Several of the women were farmers. Kulaks, Daria guessed. Landowners from before the Great October Socialist Revolution who’d refused to accept collectivization and thus caused the Holodomor, the famines. It was explained in that movie she’d watched with Edward and Mama. As punishment for their treason, Comrade Stalin had millions of kulaks relocated and their land handed over to those who would selflessly grow bread for the USSR. But Comrade Stalin was not a vengeful man. He was a leader who encouraged misguided transgressors to learn the errors of their ways. That’s why he was now allowing them to create new, communal lives and ply their trade for the good of all, sharing in the inevitable bounty, despite their earlier intransigence. Except the women were trying to explain to those overseeing the production that this was the wrong season and these were the wrong crops to plant in this sort of land at this depth. Based on how the guard reacted to Daria’s plea to keep her underclothes on, when this overseer raised his arm, Daria expected the woman who’d been the most vociferous objector to be slapped in the face. But he merely waved her in the direction of the field with a bored, “Do as you’re told.”

“Nothing will grow,” she protested. “We’ll starve.” In desperation, she added, “They’ll blame you.”

“I do what I’m told,” he repeated, suggesting, not unkindly, that it was in their best interests to follow his example.

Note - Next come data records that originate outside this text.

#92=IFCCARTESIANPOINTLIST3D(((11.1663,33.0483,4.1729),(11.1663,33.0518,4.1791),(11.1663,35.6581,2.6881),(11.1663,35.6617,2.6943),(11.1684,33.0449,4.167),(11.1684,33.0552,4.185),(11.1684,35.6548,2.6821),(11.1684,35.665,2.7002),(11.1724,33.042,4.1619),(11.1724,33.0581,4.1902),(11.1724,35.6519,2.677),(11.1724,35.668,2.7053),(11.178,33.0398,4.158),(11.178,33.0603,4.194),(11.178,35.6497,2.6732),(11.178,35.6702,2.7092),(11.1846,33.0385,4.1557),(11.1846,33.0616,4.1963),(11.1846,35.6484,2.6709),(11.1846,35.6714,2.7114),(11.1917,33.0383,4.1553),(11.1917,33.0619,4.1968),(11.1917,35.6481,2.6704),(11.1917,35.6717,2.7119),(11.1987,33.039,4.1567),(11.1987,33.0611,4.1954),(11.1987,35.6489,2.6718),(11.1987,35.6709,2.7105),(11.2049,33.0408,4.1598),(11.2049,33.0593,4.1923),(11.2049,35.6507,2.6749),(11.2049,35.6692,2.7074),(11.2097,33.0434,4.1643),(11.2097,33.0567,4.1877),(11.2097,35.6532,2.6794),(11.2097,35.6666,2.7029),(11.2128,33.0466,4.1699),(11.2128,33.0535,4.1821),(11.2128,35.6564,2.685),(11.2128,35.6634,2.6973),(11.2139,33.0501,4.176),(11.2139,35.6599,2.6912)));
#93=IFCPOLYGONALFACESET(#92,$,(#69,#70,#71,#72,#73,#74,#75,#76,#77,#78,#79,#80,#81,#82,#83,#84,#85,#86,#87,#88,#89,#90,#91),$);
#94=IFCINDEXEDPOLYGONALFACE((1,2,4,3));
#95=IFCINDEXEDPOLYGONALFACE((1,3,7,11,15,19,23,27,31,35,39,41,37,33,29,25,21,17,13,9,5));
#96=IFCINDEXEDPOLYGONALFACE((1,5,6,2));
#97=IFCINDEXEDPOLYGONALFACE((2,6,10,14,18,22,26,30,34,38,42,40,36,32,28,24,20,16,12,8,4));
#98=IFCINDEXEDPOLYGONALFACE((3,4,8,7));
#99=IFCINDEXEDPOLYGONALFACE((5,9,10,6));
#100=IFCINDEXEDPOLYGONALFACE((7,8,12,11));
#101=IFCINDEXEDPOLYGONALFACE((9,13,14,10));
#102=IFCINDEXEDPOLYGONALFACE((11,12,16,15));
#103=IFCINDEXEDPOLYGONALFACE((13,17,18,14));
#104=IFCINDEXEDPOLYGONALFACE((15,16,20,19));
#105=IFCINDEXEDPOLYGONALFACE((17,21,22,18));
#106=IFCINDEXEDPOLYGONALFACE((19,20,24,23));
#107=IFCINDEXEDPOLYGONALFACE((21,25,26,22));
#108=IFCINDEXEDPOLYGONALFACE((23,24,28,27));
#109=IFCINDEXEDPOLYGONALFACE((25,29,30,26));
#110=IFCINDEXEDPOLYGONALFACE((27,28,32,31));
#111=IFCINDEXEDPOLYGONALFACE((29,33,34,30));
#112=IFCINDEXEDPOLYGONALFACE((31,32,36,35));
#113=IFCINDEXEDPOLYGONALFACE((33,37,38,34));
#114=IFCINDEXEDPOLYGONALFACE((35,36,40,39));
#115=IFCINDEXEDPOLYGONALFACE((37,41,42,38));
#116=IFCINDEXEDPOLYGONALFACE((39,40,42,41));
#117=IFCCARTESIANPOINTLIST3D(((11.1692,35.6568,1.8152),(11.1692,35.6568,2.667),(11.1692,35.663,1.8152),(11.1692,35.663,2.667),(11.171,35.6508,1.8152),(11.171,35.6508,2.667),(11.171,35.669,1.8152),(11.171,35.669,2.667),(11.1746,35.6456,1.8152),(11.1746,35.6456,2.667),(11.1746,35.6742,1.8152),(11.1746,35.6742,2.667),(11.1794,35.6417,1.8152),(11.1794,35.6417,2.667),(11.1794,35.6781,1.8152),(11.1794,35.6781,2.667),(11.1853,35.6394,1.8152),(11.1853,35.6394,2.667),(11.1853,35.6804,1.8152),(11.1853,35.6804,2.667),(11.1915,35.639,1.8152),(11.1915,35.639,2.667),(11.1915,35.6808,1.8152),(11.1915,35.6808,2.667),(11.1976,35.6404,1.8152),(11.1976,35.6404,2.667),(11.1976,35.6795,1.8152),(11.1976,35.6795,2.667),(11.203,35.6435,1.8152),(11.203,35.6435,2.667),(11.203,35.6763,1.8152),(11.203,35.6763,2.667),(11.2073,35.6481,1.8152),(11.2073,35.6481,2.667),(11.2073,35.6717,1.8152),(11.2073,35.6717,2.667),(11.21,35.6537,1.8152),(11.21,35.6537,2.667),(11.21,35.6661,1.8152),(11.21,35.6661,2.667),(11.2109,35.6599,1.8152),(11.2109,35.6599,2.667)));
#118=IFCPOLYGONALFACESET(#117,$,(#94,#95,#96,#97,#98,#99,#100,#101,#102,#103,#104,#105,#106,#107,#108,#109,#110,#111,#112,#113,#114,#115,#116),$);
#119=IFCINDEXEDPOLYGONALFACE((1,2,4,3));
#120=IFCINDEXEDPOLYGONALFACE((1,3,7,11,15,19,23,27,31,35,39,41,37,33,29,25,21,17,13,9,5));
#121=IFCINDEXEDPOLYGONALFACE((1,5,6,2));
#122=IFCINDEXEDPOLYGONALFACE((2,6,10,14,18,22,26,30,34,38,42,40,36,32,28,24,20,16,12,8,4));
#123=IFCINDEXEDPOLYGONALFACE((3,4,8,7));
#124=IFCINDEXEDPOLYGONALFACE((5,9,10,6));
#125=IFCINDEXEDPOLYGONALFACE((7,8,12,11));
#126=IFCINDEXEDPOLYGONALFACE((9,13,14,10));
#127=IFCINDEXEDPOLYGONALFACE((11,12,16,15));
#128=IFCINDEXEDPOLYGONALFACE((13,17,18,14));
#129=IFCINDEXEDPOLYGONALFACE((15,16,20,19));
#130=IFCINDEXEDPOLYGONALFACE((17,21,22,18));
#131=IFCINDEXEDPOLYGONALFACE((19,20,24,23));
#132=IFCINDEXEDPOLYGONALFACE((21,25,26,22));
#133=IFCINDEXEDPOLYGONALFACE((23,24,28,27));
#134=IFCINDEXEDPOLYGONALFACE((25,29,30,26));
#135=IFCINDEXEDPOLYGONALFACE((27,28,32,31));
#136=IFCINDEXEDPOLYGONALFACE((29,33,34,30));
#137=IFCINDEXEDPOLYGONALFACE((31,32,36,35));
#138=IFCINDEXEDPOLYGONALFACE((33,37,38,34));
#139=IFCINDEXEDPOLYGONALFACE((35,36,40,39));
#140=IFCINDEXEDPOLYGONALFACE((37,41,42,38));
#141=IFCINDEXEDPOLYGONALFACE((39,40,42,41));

So they dug. And they planted, the skin of their palms cracking from the cold and clogging with mud until the tiny seeds slipped through their numb fingers, falling in haphazard piles along the ground. The uneven gaps in between ensured that even if something did manage, against all odds, to sprout, it would be choked dead before full bloom. As she worked, Daria realized the toil was pointless. Its only purpose was to break her spirit. This was confirmed by one of the women who confided to Daria that, a few weeks earlier, she’d been assigned to dig a ditch “starting from the fence and going until dinnertime.”

They weren’t allowed to return to the barracks until after sundown. There, Alyssa and Anya came running into their mother’s arms, upper lips chapped bright red from the snot they’d kept wiping away with the backs of their wrists.

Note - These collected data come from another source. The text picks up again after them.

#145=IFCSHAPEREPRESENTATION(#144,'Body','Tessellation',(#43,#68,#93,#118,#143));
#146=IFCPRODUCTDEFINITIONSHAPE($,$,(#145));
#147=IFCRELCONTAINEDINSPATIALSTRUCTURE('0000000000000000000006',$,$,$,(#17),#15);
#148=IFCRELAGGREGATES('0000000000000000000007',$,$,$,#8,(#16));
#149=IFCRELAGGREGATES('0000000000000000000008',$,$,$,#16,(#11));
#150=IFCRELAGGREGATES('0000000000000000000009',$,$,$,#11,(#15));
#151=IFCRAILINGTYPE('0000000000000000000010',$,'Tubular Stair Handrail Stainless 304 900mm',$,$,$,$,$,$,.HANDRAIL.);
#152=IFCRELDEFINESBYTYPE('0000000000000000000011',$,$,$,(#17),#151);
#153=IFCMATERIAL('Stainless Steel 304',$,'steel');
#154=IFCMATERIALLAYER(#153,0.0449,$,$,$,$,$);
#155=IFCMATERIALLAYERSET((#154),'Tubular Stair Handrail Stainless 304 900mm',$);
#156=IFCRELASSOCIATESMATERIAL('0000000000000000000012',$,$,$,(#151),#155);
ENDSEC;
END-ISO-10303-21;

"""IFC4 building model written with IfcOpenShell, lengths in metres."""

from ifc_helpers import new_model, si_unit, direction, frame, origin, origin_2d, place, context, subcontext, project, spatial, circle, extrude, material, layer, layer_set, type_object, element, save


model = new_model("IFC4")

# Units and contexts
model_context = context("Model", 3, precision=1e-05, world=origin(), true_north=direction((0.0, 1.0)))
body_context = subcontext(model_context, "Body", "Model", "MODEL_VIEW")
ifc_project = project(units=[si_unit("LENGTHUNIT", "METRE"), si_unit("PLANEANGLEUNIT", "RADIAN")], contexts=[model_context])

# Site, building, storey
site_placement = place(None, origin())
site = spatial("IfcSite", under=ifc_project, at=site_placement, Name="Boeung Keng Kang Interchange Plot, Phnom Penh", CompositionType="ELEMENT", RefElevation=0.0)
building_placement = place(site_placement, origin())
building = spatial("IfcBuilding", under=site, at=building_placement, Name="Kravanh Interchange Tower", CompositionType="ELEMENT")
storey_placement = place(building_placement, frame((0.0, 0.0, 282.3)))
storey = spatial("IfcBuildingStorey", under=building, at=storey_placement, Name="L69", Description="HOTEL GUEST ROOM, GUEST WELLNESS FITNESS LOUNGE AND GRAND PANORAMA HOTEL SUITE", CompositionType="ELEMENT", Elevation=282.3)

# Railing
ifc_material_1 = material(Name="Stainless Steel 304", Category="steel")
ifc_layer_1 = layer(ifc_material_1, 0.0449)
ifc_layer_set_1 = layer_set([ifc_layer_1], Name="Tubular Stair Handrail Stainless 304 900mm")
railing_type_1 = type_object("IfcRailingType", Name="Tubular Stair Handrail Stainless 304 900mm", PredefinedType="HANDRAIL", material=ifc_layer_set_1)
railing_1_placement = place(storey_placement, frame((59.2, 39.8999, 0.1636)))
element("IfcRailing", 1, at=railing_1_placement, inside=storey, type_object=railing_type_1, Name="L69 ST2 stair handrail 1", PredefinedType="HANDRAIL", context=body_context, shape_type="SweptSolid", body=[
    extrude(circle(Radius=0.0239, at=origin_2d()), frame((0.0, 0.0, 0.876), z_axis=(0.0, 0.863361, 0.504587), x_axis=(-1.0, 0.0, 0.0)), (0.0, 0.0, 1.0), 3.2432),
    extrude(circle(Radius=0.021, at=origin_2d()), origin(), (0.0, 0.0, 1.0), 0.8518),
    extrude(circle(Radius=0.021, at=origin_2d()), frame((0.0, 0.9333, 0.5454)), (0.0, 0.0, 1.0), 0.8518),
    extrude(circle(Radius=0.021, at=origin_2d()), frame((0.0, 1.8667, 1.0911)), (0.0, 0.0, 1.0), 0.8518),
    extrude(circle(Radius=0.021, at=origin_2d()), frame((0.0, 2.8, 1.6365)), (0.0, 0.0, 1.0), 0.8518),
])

“I was a good girl, Mama,” Alyssa swore. “I watched Anya so she’d be a good girl, too. We followed all the new rules, so can we go home now?” She added the word that she’d been assured all her life possessed magical powers. “Please?”

The men were brought back even later. Daria had trouble picking Edward out of the mass that dragged themselves in, covered in identical rags, faces coated in sweat and grime and frost, until he collapsed on their bunk, curling up in a fetal position, forehead pressed against the wall. The other men around them groaned, cursed, whimpered. Edward did none of those things. Edward hummed.

Daria shooed the horrified girls away, promising she would take care of Papa. She crawled in next to Edward. She stroked his brow, his cheeks vibrating dully beneath her fingers. When he didn’t respond to her caress, continuing to lie deathly still, stubbornly humming a tune Daria didn’t recognize, she took Edward’s hands in hers, tenderly unwrapping the scraps of cloth he’d bound them in. Edward’s hands, his mesmerizing, enchanting hands—too valuable to so much as lift her suitcase on the day of their marriage—had been shredded nearly to the bone.

 

 

Chapter 7

 


This was their life now. Rising at dawn, women to the fields, men to logging, the children fending for themselves. Breakfast was a slice of hard bread, supper a watery broth that reminded Daria of what was left after you washed a pot that vegetables had been boiled in. Every morning, a crew came through the barracks to dispose of the dead. Every evening, a few workers failed to return. The children cried that they were hungry, then eventually stopped. The men raged and plotted revenge and threatened escape, then returned to the forest. At night, they drank moonshine that somehow still managed to materialize, even in the depths of the tundra. They played cards and they brawled over the outcomes. They remembered the lives they once had, the men they’d once been and, to hold on to what small vestiges of that they could, they loudly fucked their wives, their girlfriends, any woman they could get their hands on, their groans blending into the moans, the sobs, and the perennially howling winds.